# From Intent to Execution: A Multi-Agent Workflow Auto-Orchestration Framework Based on Agent Recommendation

> This article introduces an automated multi-agent system construction framework. Through an LLM-driven planner, dynamic call graph, and two-stage agent recommendation system, it transforms manual workflow orchestration into an automated process, significantly improving the recall rate of agent selection and system robustness.

- 板块: [Openclaw Llm](https://www.zingnex.cn/en/forum/board/openclaw-llm)
- 发布时间: 2026-05-05T17:08:26.000Z
- 最近活动: 2026-05-06T03:52:04.463Z
- 热度: 129.3
- 关键词: 多智能体系统, 智能体推荐, 工作流编排, LLM规划, 信息检索, 自动化框架, 任务分解
- 页面链接: https://www.zingnex.cn/en/forum/thread/llm-arxiv-2605-03986v1
- Canonical: https://www.zingnex.cn/forum/thread/llm-arxiv-2605-03986v1
- Markdown 来源: floors_fallback

---

## Introduction: Multi-Agent Workflow Auto-Orchestration Framework Based on Agent Recommendation

This article proposes an automated multi-agent system construction framework to address the pain points of manual construction of current multi-agent systems (MAS), including manual planning, complex agent selection, and tedious execution graph construction. Through core modules such as an LLM-driven planner, dynamic call graph, and two-stage agent recommendation system, the framework transforms manual workflow orchestration into an automated process, significantly improving the recall rate of agent selection and system robustness, and promoting a key shift of MAS from manual crafting to automated assembly.

## Three Major Dilemmas in Multi-Agent System Construction

Current multi-agent system development faces three challenges:
1. **Manual Planning**: Requires manual design of execution plans, prediction of step inputs/outputs, and handling of edge cases—time-consuming, error-prone, and difficult to adapt to demand changes;
2. **Complex Agent Selection**: Rapid growth in the number of agents, each with capability boundaries, performance characteristics, and costs, leading to heavy manual evaluation and selection burdens;
3. **Tedious Execution Graph Construction**: Assembling call graphs requires a large amount of boilerplate code (parameter mapping, error handling, etc.), occupying significant development time.

## Analysis of Five Core Modules of the Automated Framework

The framework includes five closely collaborative modules:
1. **LLM-Driven Planner**: Receives natural language intent, outputs a set of structured task descriptions, and dynamically generates task decomposition and input/output specifications adaptively;
2. **Natural Language Task Description**: Expresses task goals, constraints, etc., with rich semantics, supporting semantic similarity matching;
3. **Dynamic Call Graph**: Explicitly represents task dependencies and can adjust execution paths (e.g., branches, loops) based on runtime conditions;
4. **Agent Orchestrator**: Maintains an agent registry and maps tasks to agents based on factors such as capability matching degree and historical success rate;
5. **Two-Stage Agent Recommendation System**: Fast retrieval (embedding model vector matching to filter candidates) + LLM reordering (fine-grained semantic matching to rank), balancing efficiency and effectiveness.

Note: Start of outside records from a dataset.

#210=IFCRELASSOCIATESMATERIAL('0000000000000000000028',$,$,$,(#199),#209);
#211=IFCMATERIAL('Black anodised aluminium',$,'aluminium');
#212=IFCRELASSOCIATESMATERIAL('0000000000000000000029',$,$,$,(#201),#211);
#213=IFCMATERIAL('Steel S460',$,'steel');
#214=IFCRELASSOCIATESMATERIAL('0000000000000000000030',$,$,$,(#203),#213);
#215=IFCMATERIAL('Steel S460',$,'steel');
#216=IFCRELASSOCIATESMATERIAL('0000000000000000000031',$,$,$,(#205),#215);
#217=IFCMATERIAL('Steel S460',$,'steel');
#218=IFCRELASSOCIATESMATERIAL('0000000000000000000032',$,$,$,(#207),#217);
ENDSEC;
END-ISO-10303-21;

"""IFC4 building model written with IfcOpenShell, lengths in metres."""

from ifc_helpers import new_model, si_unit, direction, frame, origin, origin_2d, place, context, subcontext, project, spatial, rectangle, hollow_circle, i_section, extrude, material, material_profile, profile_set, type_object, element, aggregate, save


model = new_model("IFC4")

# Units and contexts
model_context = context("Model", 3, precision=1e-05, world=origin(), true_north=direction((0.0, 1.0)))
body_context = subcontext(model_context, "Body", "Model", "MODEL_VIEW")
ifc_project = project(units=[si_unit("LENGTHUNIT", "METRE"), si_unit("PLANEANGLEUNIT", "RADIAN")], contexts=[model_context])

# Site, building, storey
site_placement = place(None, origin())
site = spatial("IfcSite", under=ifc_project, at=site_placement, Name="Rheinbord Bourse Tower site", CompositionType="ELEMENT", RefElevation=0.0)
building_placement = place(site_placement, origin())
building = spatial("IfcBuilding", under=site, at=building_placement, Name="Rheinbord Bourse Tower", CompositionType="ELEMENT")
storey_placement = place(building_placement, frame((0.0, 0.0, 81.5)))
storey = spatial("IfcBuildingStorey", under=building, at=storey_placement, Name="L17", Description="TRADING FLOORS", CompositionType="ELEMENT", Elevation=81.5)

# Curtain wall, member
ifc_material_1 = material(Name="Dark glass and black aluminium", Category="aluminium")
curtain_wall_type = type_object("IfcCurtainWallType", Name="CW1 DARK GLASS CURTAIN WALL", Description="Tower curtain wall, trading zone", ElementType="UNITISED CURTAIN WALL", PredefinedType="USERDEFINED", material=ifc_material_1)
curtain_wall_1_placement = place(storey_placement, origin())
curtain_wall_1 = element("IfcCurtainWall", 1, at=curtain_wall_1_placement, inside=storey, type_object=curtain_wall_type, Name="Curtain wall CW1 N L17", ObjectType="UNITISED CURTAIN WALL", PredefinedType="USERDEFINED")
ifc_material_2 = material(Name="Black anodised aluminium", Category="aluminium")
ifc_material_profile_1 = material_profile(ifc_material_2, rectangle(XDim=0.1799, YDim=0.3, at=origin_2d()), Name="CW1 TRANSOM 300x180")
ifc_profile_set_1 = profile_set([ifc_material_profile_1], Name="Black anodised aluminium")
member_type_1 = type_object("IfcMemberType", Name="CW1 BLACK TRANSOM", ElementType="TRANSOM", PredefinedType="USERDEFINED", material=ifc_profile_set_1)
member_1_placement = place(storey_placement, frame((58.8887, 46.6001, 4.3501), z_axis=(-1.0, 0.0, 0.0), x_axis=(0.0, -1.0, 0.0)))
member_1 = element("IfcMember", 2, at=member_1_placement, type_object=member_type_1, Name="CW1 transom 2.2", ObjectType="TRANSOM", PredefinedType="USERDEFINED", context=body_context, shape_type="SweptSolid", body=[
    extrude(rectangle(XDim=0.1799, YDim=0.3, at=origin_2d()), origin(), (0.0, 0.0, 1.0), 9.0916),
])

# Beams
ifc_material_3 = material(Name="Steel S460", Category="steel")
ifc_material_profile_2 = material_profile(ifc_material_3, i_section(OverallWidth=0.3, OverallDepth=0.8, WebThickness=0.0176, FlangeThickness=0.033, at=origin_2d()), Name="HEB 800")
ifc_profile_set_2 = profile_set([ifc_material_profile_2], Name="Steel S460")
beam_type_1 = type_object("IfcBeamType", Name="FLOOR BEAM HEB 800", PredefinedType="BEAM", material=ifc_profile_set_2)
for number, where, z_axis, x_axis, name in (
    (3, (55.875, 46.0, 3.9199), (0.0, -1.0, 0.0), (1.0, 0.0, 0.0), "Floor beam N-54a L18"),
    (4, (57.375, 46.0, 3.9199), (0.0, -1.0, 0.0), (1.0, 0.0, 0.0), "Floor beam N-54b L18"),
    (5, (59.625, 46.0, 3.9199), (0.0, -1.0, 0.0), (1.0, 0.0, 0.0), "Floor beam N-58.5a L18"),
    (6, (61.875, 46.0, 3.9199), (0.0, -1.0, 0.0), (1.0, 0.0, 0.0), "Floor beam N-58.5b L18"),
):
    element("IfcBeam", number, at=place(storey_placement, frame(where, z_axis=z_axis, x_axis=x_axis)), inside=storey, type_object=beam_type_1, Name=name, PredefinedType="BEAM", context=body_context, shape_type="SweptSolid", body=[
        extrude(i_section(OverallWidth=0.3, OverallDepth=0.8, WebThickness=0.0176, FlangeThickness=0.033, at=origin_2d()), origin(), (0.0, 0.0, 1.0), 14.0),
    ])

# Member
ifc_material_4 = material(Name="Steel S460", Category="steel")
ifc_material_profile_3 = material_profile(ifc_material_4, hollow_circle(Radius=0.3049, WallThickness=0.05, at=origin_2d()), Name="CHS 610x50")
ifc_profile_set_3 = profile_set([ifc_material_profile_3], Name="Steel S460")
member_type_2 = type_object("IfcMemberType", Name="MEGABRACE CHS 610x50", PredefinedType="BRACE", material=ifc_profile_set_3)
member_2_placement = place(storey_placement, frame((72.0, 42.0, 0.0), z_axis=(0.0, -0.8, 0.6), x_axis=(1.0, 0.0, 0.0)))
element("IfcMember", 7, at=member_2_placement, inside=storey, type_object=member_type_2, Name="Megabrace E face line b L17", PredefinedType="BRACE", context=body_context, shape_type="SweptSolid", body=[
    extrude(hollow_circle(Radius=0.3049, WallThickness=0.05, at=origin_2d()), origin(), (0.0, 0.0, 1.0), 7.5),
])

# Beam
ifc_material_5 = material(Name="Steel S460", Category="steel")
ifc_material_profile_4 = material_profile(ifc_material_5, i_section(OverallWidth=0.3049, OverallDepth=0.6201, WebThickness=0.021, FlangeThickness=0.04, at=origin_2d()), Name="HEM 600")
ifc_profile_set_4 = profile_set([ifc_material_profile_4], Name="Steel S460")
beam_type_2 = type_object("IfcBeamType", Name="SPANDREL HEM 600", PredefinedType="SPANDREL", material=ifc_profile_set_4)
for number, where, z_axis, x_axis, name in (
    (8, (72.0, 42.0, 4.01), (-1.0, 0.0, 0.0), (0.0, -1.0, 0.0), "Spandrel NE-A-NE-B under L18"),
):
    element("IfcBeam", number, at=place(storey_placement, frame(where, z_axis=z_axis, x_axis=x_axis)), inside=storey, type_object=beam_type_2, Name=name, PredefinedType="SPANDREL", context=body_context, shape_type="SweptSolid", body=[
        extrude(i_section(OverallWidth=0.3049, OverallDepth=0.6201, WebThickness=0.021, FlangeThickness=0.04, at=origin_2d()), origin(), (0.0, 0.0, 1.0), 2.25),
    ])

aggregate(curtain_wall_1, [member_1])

## Experimental Exploration: Component Optimization and Key Findings

The research team optimized the framework components through experiments:
1. **Embedding Model Selection**: Domain-specific embedding models (e.g., code/tool description fine-tuned models) outperform general models;
2. **Reordering Strategy**: LLM-generated reasoning (Chain-of-Thought) improves accuracy and interpretability, while introducing negative samples enhances discrimination ability;
3. **Agent Description Enhancement**: Analyzing historical logs to extract successful/failed scenarios to enrich descriptions, improving matching recall rate;
4. **Critic Agent**: Reviews recommendation results from dimensions of task coverage, redundancy, risk diversification, and cost-effectiveness to further improve recall rate.

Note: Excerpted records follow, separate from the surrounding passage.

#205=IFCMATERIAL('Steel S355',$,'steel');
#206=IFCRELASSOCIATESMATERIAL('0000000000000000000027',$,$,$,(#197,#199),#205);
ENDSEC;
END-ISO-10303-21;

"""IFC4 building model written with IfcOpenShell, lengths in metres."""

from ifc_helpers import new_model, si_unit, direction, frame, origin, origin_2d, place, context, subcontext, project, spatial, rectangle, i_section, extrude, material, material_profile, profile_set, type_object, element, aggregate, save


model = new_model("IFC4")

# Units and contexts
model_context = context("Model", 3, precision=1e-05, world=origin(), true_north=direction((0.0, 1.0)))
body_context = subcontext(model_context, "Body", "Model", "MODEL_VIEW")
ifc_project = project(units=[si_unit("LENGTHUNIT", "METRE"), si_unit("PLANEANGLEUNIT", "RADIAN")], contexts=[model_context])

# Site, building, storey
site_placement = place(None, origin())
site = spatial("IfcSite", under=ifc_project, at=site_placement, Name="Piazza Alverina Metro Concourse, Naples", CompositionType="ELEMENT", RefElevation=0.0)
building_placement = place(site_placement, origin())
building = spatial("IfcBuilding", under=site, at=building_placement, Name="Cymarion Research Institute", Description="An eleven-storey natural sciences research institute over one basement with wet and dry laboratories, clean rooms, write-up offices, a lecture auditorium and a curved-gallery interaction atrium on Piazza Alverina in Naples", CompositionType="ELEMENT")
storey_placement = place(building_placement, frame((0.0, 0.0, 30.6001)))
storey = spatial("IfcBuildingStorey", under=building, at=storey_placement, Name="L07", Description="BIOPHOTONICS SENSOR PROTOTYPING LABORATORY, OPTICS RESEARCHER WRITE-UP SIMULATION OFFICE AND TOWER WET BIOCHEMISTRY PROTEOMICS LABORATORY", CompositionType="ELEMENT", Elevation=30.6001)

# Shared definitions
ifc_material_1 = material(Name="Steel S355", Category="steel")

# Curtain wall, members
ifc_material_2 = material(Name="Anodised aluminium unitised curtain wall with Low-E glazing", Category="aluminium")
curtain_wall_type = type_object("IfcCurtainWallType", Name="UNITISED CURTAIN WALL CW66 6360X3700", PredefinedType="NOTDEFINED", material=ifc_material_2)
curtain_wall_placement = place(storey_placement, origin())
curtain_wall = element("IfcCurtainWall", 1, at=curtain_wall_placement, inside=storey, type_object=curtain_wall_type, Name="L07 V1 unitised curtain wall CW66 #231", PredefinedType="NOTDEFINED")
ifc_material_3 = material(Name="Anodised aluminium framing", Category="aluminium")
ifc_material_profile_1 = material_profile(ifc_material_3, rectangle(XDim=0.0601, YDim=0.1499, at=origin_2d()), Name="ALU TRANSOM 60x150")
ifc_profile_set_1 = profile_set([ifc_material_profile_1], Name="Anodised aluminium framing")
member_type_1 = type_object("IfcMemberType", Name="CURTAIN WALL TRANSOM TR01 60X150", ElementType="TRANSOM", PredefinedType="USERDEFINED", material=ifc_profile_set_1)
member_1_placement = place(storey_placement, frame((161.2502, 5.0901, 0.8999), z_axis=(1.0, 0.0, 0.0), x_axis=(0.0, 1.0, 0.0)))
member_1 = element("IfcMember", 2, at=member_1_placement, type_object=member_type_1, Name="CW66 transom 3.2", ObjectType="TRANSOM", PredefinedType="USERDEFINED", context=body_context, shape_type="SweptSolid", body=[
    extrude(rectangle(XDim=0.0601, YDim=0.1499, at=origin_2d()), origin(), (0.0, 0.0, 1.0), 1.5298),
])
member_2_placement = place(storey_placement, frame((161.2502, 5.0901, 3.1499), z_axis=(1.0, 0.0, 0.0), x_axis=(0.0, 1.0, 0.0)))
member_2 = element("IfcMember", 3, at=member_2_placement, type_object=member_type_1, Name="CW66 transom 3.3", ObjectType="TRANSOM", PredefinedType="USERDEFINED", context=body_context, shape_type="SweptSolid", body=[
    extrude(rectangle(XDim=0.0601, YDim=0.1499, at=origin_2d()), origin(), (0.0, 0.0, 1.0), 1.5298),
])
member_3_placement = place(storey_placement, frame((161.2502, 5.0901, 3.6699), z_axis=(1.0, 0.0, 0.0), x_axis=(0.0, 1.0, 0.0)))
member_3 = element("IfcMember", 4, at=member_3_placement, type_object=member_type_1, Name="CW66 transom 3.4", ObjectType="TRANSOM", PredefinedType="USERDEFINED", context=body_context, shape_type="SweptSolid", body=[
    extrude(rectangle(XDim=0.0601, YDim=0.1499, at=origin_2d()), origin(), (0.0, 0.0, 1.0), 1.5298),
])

## End-to-End Test Results: Validation of Recall Rate and Robustness

End-to-end benchmark tests cover scenarios such as data analysis and code generation, with results showing:
1. **Significant Recall Rate Improvement**: Compared to existing methods, the recall rate of agent selection is significantly higher;
2. **Robustness and Scalability**: Response time remains sub-second as the number of agents grows, and selection quality is stable under task description variations/noise, making it suitable for production deployment.

## Industry Implications and Future Outlook

**Industry Implications**:
1. Need to establish standardized specifications for agent capability descriptions;
2. Developer role shifts from "writing call code" to "defining task intent";
3. New human-machine collaboration model: The framework handles matching and orchestration, while humans focus on intent clarification and quality control.

**Future Outlook**: The auto-orchestration framework will become a key component of AI infrastructure, and design ideas such as two-stage recommendation and dynamic call graph may become industry standard practices.